她从第三个托盘取出一枚阴钉,银光冷冽,在冷风中闪耀着摄人的寒芒,少女犹豫片刻,终是将阴钉缓缓扎入下阴,锋利的金属锐器,穿透女子全身最敏感的器官,每扎入一分都如万蚁噬体,少女峨嵋高蹙,香汗淋漓,亲手将自己推入那性虐深渊,看客们纷纷踮起脚尖,喉结滚动,他们双眼布满血丝,他们嘴边翘起弧度,他们套弄着肉棒,他们欣赏着少女遭罪的淫态,阴钉终于穿透媚肉,钉下暗纹挂饰点亮符文,修复下阴创口,随即律动,显然也不是一件简单的装饰品。
她从第四个托盘取出一对犬耳头饰,别在端,毛耸耸地点缀在臻上,煞是可爱,洋溢青春。
她从第五个托盘取出一根犬尾肛塞,众目睽睽下,她挑开丁裤勒入屁缝的丝带,缓缓将两片圆实臀瓣掰开,粉色屁眼暴露在寒风中,楚楚可怜,肛塞一寸寸顶入后庭中,直至完全被玉臀包裹,她打了个冷颤,肠道一阵收缩,犬尾竟是自行翘起甩动,分明也是件仙家器具无疑。
莫缨缦屈从于【真欲印记】,自行佩戴五件饰物,俯跪在地,匍匐在看客们眼底下,她乖乖地翘起小屁股,檀口微张,清晰地吐出一个屈辱的字眼:汪!

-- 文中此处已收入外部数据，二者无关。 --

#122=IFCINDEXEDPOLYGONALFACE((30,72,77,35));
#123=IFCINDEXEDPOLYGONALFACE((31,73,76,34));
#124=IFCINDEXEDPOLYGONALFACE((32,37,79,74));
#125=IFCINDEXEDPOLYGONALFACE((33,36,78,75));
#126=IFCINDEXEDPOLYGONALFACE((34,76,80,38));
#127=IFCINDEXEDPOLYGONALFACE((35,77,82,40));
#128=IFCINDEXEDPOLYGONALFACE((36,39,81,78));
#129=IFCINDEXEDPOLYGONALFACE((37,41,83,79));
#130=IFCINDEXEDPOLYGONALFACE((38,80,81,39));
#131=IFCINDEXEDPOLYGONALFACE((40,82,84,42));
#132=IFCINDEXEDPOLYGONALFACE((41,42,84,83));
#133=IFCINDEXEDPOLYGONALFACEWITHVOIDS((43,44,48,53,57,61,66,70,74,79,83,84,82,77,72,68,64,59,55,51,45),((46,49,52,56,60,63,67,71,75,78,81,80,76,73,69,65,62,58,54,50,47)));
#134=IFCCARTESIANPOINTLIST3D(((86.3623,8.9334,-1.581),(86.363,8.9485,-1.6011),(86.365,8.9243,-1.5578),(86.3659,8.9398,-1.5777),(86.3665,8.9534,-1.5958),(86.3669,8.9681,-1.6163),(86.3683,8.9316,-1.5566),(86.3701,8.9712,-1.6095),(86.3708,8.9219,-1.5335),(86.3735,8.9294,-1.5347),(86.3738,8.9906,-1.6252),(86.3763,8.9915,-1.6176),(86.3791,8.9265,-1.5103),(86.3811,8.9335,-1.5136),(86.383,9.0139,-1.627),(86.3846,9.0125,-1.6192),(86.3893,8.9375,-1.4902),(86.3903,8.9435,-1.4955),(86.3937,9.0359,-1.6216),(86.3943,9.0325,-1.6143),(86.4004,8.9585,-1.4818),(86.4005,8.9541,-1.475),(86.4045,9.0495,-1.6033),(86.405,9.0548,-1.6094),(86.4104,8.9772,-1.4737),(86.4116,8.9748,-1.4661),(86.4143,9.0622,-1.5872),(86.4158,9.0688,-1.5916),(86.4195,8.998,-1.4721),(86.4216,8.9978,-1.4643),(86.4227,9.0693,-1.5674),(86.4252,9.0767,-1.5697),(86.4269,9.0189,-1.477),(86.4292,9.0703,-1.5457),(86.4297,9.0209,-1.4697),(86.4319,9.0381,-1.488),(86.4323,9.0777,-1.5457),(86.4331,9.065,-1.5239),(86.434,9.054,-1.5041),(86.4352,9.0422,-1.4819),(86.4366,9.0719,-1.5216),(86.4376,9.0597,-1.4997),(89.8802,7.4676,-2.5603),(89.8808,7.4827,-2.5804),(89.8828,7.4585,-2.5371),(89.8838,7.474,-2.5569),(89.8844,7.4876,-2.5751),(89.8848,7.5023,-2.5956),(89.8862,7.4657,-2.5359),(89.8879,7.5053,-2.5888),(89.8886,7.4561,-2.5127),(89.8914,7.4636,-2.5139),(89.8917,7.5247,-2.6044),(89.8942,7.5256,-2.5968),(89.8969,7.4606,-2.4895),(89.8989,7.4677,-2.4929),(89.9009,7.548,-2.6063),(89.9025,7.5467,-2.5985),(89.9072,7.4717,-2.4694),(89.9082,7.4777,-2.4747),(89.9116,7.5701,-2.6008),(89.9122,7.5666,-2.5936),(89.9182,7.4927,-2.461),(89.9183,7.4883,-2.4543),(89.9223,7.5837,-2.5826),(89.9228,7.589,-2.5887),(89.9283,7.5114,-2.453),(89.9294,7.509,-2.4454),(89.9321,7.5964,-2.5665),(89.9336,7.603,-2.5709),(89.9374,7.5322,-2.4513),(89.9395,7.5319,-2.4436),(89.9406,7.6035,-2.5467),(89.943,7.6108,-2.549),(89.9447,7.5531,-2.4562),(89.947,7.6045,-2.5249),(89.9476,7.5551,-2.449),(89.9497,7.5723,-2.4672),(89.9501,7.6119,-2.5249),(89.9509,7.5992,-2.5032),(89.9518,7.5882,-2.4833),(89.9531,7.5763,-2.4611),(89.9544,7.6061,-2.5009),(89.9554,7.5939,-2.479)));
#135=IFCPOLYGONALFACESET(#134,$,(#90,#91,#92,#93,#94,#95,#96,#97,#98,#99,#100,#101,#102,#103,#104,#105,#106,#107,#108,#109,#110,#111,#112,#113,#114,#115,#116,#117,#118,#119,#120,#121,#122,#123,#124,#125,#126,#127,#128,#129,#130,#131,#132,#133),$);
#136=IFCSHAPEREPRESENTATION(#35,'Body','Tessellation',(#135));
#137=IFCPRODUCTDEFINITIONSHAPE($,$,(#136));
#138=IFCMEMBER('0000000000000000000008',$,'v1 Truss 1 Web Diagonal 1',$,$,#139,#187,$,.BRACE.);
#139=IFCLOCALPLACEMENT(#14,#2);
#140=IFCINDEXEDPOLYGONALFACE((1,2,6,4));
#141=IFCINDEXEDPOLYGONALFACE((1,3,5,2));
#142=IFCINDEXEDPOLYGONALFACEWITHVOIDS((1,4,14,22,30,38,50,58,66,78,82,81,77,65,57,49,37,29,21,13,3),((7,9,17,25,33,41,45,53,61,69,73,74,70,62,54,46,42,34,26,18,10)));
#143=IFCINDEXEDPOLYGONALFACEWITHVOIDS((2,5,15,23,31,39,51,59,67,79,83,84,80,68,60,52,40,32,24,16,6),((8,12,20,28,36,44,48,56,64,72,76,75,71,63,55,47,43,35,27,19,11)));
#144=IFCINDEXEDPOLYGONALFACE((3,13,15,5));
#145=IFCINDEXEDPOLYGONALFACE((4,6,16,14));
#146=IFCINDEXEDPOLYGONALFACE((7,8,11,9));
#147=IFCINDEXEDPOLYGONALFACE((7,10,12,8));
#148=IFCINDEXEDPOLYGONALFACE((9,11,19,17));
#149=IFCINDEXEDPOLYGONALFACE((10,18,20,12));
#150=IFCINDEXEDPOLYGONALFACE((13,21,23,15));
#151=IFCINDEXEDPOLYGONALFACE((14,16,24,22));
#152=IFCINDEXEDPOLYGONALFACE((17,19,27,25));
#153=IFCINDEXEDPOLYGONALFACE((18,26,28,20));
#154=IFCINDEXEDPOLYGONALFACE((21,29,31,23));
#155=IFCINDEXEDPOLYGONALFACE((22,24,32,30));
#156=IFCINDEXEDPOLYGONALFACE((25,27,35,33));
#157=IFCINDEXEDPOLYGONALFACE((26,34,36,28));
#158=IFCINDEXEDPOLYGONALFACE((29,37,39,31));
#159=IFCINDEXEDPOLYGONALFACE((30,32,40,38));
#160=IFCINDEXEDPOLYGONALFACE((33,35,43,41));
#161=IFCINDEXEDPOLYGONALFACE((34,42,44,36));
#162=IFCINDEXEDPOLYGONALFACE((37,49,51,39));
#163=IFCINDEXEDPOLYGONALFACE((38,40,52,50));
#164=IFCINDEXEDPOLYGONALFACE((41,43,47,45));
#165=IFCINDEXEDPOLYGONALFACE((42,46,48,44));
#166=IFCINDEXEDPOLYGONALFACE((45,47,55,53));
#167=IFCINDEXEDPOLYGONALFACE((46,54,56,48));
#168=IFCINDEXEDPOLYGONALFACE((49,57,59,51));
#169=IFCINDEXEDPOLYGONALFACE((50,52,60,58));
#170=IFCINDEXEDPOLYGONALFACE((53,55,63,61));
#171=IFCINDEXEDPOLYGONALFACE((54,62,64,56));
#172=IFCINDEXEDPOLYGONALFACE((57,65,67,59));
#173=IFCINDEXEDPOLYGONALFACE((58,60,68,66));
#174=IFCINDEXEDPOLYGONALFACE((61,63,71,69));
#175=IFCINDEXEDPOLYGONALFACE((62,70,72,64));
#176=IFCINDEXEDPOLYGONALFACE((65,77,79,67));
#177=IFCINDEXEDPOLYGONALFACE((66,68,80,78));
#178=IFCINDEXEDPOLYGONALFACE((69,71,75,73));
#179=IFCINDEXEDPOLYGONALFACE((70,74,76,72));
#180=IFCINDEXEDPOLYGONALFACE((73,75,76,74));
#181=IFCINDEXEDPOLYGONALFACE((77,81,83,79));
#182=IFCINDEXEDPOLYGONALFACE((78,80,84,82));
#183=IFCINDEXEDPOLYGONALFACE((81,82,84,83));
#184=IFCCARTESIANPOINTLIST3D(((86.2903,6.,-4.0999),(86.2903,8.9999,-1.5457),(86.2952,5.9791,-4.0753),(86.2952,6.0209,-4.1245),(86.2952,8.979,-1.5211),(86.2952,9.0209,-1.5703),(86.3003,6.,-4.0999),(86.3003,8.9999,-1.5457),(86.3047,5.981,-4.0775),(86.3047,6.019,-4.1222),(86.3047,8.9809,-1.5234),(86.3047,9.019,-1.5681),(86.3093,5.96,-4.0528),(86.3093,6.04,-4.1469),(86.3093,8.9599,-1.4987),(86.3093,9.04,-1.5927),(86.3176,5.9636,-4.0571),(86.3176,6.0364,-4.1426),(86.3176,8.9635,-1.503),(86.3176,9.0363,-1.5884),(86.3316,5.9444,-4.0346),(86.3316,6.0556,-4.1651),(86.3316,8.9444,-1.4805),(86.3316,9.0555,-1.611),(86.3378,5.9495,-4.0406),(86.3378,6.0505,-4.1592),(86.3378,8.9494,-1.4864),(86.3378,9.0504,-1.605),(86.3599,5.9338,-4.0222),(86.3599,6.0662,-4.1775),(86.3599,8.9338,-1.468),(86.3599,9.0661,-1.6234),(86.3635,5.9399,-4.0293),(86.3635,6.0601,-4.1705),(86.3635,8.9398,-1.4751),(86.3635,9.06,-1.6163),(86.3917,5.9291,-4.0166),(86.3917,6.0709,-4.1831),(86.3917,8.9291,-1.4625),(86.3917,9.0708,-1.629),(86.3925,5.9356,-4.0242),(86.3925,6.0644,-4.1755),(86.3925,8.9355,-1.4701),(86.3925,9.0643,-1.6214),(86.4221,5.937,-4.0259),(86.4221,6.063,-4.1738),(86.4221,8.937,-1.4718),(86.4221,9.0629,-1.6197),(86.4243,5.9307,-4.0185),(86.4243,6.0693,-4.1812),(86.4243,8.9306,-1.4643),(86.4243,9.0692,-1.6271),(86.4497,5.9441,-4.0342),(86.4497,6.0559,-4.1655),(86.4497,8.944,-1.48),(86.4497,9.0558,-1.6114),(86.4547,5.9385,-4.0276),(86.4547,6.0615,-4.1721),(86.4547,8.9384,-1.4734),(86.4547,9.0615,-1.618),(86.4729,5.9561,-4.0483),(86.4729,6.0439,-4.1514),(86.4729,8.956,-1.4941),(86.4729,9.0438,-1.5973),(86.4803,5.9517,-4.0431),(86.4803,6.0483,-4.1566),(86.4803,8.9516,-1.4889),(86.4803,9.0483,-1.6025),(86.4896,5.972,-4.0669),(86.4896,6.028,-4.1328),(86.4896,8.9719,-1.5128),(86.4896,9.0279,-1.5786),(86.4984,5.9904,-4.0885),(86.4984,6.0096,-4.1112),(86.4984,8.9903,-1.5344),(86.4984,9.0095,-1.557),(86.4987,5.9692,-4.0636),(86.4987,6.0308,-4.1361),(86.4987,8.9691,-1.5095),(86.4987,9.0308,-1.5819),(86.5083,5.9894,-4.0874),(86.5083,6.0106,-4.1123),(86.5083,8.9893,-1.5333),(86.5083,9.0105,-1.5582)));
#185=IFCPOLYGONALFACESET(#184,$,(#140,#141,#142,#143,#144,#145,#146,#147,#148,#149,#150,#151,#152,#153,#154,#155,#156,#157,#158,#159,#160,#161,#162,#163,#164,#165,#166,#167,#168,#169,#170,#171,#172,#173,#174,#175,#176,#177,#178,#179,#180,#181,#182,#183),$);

她终究还是叫了,像一只可怜的母犬,所谓畜奴,不外如是。
人群中爆出一阵响亮的欢呼,对,女人就该这般下贱,就该像狗一样活着,就该撅起屁股挨肏!越漂亮的女人,越该被糟蹋!
其中一位美婢抄起细链,拖曳着莫缨缦颈上奴隶项圈向前攀爬,缨缦姑娘呜咽一声,四肢交替,乳浪轻摇,晃动着翘臀与肛塞假尾,形如败犬,胸脯与下阴垂吊的三枚挂饰,闪烁着嘲弄的荧光,似乎向世人告诫,任你女子境界高深,入这春潮宫中,便当不得人。
一路前行,又是教众搬出三个器物拦住去路,有眼尖看客惊呼道:“快看,那是墨门的机关兽,这模样,是机关蝙蝠!”
教众拨动机括,激活符文,机关蝙蝠展开双翼,露出狰狞凶颜。